However, flax oil is free to enter the EU, regardless of whether it comes from GM-tainted seeds.
Unfortunately for prairie flax growers, Canada’s crushing plants seldom crush flax.
“We do crush flax from time to time, but the margins aren’t the same and you use the same plant for flax and canola,” said Barry Hall, president of the Flax Council of Canada.
Flax crushing’s poorer margins appear to be the result of the low demand for industrial linseed oil in North America. Canola crush margins are better because of the strong demand for canola oil for human consumption.
However, Europe has strong markets for all componets of flax: seed, industrial linseed oil and meal. Many European countries include flax meal and seed in their cuisine. Major linoleum manufacturers and paint and industrial oil industries use the oil.

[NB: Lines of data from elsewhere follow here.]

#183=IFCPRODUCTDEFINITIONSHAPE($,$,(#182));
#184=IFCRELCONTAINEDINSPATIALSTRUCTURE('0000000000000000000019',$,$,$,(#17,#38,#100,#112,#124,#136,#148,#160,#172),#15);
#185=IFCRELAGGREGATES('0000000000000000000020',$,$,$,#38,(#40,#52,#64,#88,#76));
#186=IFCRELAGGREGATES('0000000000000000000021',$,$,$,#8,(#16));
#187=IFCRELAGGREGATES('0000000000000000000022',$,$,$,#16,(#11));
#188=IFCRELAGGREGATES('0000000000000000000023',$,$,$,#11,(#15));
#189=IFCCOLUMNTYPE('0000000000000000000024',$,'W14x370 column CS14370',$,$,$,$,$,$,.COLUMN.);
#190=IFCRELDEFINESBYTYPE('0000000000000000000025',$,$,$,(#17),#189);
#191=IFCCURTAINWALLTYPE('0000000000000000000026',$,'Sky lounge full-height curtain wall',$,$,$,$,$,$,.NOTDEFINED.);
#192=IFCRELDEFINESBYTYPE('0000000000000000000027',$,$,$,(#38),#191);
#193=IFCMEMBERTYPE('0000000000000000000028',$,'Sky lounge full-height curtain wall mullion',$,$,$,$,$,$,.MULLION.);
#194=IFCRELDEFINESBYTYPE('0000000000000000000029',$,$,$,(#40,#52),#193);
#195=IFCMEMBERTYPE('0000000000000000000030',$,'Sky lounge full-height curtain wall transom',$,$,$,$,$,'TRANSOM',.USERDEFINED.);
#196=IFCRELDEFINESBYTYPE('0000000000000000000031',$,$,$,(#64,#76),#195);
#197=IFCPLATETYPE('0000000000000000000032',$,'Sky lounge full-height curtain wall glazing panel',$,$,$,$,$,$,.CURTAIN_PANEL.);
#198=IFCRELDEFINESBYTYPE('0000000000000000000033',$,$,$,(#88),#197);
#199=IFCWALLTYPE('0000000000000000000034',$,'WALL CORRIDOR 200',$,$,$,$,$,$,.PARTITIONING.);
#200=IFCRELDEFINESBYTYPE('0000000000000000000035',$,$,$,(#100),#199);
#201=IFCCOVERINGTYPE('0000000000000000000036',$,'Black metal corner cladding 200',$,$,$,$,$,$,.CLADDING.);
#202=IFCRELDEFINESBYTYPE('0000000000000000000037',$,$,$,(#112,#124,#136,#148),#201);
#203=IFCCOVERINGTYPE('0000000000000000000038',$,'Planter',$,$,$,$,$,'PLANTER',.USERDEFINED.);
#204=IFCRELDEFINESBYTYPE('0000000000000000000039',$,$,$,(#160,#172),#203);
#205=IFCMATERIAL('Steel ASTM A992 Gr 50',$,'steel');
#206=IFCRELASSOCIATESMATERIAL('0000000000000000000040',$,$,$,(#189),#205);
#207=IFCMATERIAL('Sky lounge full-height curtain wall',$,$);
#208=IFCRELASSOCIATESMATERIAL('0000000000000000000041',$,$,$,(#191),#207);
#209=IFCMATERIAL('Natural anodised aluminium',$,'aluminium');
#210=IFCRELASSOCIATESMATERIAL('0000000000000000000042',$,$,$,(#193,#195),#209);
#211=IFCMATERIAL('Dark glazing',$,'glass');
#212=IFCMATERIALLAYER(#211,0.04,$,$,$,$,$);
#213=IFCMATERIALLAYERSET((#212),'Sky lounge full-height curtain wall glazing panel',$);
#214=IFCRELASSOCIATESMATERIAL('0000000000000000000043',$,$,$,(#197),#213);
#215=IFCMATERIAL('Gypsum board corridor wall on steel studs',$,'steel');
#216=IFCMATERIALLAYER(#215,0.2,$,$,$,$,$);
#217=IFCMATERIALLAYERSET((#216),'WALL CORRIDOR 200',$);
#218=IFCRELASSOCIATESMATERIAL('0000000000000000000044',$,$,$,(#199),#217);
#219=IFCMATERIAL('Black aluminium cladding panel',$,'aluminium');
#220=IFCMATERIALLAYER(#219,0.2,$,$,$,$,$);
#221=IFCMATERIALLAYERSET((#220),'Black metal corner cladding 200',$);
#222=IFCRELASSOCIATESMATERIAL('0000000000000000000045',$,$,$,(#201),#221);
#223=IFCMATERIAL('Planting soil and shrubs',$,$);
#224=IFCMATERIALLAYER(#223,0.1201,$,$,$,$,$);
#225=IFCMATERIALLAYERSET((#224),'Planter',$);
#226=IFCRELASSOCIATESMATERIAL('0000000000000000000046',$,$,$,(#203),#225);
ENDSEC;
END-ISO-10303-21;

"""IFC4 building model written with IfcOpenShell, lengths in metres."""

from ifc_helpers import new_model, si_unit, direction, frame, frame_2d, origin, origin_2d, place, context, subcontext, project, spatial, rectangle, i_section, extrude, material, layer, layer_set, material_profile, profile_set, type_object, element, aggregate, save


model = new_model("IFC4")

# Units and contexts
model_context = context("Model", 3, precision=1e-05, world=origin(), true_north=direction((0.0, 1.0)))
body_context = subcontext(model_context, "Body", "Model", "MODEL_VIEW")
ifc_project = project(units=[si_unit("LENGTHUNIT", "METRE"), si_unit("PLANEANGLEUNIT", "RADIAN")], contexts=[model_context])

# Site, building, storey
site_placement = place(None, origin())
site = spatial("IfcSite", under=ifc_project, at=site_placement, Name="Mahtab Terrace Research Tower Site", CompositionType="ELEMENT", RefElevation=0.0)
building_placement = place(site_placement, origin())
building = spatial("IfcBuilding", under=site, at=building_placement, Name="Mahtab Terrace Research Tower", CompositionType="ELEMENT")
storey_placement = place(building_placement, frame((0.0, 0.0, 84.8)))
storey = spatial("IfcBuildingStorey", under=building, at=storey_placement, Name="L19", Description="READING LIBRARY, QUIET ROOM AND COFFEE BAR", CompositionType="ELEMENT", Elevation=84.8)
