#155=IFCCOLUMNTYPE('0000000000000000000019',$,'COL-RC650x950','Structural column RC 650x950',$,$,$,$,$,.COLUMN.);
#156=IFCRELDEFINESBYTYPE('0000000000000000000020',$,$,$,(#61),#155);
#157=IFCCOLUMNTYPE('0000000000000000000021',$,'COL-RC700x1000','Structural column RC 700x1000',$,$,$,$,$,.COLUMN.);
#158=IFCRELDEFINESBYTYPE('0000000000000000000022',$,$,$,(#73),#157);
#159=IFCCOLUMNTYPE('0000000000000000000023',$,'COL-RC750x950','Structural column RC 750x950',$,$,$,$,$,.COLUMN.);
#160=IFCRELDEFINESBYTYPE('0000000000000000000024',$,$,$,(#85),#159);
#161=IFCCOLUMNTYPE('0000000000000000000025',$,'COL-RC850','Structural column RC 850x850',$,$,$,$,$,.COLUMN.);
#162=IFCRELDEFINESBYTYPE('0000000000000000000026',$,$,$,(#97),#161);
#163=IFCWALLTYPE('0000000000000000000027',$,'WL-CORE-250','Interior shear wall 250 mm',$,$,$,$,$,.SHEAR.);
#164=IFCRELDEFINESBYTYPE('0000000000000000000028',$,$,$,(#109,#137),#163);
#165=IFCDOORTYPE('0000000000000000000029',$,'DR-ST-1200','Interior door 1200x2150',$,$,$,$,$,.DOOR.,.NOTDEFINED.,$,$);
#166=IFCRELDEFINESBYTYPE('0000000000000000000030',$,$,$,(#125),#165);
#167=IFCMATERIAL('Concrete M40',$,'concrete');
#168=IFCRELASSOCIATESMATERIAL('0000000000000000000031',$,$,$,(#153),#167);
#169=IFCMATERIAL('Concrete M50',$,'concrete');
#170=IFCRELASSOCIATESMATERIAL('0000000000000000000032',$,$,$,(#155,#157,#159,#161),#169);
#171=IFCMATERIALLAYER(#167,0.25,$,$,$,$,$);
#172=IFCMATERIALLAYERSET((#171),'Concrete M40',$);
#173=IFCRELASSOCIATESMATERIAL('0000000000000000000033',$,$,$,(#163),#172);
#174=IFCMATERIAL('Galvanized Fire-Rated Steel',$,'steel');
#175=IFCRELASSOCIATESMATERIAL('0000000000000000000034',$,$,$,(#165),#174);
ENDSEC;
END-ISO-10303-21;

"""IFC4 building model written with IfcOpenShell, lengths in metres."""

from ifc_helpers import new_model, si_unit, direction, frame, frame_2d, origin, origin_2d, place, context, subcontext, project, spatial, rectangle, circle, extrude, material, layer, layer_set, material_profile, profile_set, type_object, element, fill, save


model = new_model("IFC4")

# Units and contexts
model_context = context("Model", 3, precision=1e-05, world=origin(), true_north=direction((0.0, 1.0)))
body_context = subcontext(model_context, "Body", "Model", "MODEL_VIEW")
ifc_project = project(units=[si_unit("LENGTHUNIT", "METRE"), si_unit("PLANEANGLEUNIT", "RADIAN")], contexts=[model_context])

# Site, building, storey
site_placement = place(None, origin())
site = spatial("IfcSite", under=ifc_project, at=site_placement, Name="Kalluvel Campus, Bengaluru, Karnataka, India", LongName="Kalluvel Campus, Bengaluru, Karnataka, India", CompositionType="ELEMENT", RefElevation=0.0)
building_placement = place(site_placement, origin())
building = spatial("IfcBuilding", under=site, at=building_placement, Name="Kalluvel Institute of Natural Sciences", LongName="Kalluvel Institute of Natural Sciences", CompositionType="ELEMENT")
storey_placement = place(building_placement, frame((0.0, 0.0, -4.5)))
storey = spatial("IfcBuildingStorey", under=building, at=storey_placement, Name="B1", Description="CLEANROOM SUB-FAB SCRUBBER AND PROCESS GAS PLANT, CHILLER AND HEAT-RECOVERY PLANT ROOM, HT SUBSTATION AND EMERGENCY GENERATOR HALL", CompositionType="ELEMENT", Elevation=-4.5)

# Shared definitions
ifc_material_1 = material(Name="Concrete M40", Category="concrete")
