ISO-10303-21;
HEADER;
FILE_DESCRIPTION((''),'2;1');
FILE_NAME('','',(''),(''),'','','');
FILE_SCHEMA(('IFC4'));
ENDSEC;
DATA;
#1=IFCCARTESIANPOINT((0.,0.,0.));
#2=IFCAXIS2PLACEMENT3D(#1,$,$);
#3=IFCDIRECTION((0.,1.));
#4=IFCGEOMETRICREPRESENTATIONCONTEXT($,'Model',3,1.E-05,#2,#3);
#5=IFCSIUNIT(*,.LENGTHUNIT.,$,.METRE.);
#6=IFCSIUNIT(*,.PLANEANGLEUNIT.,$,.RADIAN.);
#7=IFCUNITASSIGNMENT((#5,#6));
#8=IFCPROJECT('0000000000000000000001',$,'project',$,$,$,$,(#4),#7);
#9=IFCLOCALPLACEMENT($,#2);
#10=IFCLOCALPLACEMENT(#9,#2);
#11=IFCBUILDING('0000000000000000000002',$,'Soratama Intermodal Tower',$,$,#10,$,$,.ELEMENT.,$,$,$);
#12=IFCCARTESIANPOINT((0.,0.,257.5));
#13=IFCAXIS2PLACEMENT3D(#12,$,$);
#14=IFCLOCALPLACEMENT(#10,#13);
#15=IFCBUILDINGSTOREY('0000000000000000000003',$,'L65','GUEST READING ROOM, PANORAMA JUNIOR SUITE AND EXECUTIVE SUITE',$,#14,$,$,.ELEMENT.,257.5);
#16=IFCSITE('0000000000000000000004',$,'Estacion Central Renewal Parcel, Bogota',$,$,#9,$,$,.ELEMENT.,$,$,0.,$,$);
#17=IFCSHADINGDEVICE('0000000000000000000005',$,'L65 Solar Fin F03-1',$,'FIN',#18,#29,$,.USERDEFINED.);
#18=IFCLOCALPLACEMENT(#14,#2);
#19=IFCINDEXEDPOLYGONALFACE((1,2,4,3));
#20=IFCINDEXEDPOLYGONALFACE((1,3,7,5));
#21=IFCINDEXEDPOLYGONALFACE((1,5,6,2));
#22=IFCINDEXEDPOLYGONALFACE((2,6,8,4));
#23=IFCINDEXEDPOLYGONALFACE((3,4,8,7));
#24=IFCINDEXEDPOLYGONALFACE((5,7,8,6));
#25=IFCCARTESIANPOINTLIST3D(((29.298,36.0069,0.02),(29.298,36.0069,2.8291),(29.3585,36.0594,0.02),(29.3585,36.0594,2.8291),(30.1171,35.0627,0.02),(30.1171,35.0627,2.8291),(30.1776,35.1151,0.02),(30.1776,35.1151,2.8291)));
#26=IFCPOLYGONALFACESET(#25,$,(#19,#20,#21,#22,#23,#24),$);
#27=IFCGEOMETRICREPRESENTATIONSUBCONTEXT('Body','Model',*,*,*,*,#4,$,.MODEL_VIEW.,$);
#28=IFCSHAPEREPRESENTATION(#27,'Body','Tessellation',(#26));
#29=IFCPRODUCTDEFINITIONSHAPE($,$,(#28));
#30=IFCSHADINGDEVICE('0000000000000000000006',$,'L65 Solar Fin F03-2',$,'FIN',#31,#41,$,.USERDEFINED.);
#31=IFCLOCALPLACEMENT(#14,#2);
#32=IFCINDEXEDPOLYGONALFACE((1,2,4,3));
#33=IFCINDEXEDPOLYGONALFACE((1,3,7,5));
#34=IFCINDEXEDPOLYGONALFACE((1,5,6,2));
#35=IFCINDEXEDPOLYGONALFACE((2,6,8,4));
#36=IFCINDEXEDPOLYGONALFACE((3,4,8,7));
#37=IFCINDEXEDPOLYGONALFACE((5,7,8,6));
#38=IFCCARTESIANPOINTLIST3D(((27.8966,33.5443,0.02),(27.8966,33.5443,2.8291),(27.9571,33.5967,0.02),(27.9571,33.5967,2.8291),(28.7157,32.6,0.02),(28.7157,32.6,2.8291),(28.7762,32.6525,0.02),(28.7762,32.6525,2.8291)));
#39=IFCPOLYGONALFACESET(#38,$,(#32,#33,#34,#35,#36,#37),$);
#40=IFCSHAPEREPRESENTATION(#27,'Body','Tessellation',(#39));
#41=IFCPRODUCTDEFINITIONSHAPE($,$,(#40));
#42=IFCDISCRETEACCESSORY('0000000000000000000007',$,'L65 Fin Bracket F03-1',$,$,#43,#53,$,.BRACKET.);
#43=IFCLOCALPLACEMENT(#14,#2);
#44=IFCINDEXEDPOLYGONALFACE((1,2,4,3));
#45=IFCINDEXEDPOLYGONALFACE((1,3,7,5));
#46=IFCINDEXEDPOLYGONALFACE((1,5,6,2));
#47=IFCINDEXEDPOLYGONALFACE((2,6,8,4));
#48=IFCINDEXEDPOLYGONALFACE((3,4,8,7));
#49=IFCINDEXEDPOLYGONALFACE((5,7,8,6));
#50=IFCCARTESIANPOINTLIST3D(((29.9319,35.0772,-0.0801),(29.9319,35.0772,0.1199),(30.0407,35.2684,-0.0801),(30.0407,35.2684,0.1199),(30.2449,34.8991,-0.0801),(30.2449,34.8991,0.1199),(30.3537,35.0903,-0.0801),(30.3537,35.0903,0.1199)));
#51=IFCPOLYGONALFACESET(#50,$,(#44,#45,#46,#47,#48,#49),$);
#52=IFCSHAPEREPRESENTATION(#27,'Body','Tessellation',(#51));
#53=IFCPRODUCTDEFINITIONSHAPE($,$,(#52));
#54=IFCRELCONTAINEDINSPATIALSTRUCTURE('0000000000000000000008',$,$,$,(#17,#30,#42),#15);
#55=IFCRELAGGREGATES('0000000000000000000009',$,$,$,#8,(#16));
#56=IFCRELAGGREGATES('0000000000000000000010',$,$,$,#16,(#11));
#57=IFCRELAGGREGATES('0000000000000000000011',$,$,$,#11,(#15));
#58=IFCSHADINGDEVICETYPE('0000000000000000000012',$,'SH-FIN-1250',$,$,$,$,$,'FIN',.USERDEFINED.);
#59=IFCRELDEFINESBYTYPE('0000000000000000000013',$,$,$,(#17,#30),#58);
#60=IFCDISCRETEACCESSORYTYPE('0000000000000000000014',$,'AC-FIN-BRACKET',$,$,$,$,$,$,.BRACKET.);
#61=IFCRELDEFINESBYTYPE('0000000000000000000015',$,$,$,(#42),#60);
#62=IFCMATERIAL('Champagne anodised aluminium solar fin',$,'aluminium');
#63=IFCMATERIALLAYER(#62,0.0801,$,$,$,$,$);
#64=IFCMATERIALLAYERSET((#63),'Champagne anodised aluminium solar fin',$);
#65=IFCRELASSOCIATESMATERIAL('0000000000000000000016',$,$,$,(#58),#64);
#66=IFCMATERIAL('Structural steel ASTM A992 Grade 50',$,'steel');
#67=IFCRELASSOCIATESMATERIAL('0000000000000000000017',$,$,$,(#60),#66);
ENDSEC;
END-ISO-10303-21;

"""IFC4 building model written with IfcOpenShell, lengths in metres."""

from ifc_helpers import new_model, si_unit, direction, frame, origin, origin_2d, place, context, subcontext, project, spatial, rectangle, extrude, material, layer, layer_set, type_object, element, save


model = new_model("IFC4")

# Units and contexts
model_context = context("Model", 3, precision=1e-05, world=origin(), true_north=direction((0.0, 1.0)))
body_context = subcontext(model_context, "Body", "Model", "MODEL_VIEW")
ifc_project = project(units=[si_unit("LENGTHUNIT", "METRE"), si_unit("PLANEANGLEUNIT", "RADIAN")], contexts=[model_context])

# Site, building, storey
site_placement = place(None, origin())
site = spatial("IfcSite", under=ifc_project, at=site_placement, Name="Estacion Central Renewal Parcel, Bogota", CompositionType="ELEMENT", RefElevation=0.0)
building_placement = place(site_placement, origin())
building = spatial("IfcBuilding", under=site, at=building_placement, Name="Soratama Intermodal Tower", CompositionType="ELEMENT")
storey_placement = place(building_placement, frame((0.0, 0.0, 257.5)))
storey = spatial("IfcBuildingStorey", under=building, at=storey_placement, Name="L65", Description="GUEST READING ROOM, PANORAMA JUNIOR SUITE AND EXECUTIVE SUITE", CompositionType="ELEMENT", Elevation=257.5)

# Shading devices
ifc_material_1 = material(Name="Champagne anodised aluminium solar fin", Category="aluminium")
ifc_layer_1 = layer(ifc_material_1, 0.0801)
ifc_layer_set_1 = layer_set([ifc_layer_1], Name="Champagne anodised aluminium solar fin")
shading_device_type = type_object("IfcShadingDeviceType", Name="SH-FIN-1250", ElementType="FIN", PredefinedType="USERDEFINED", material=ifc_layer_set_1)
for number, where, z_axis, x_axis, name in (
    (1, (29.7378, 35.561, 0.02), (0.0, 0.0, 1.0), (-0.655268, 0.755396, 0.0), "L65 Solar Fin F03-1"),
    (2, (28.3364, 33.0984, 0.02), (0.0, 0.0, 1.0), (-0.655268, 0.755396, 0.0), "L65 Solar Fin F03-2"),
):
    element("IfcShadingDevice", number, at=place(storey_placement, frame(where, z_axis=z_axis, x_axis=x_axis)), inside=storey, type_object=shading_device_type, Name=name, ObjectType="FIN", PredefinedType="USERDEFINED", context=body_context, shape_type="SweptSolid", body=[
        extrude(rectangle(XDim=1.25, YDim=0.0801, at=origin_2d()), origin(), (0.0, 0.0, 1.0), 2.8091),
    ])

# Discrete accessory
ifc_material_2 = material(Name="Structural steel ASTM A992 Grade 50", Category="steel")
discrete_accessory_type = type_object("IfcDiscreteAccessoryType", Name="AC-FIN-BRACKET", PredefinedType="BRACKET", material=ifc_material_2)
discrete_accessory_placement = place(storey_placement, frame((30.1428, 35.0837, -0.0801), z_axis=(0.0, 0.0, 1.0), x_axis=(-0.86915, 0.494549, 0.0)))
element("IfcDiscreteAccessory", 3, at=discrete_accessory_placement, inside=storey, type_object=discrete_accessory_type, Name="L65 Fin Bracket F03-1", PredefinedType="BRACKET", context=body_context, shape_type="SweptSolid", body=[
    extrude(rectangle(XDim=0.3601, YDim=0.22, at=origin_2d()), origin(), (0.0, 0.0, 1.0), 0.2),
])

save(model, "model.ifc")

The meal is used by the Belgian dairy industry.
These many uses make flax crushing a more profitable business in Western Europe.
North American crushers find it less attractive because flax meal is only medium-priced feed here and the oil’s value is lessened because of lack of uses.
“It’s a very cheap commodity,” said Terry Popowich of Yorkton’s TA Foods, a company that produces and exports flax products including oil.
The biggest value component for the Europeans is the meal.
“The oil is a byproduct for them (European crushers).”
Europeans sometimes end up with a surplus of oil from flax crushing and feed quality linseed oil often gets shipped back to North America, Popowich said. That removes the incentive to swap out canola for flax in major crushing plants.
“We can’t compete against those cheap imports,” he said.
However, his company has occasionally exported small amounts of flax meal and kept the oil here for the tiny human consumption market.
“We have shipped over the meal and kept the oil here,” said Popowich. “That’s what they’re looking for.”
Dave Hickling, a canola meal specialist with the Canola Council of Canada, said high quality, human grade flax oil has extremely low levels of unsaturated fat and therefore spoils quickly.
This poor shelf life may be another factor holding back exports of high-value flax oil.
Coburn said export liquid tank capacity is low, and canola dominates the trade.
That leaves flax stocks in North America high and sales to China as the one bright spot in the industry right now.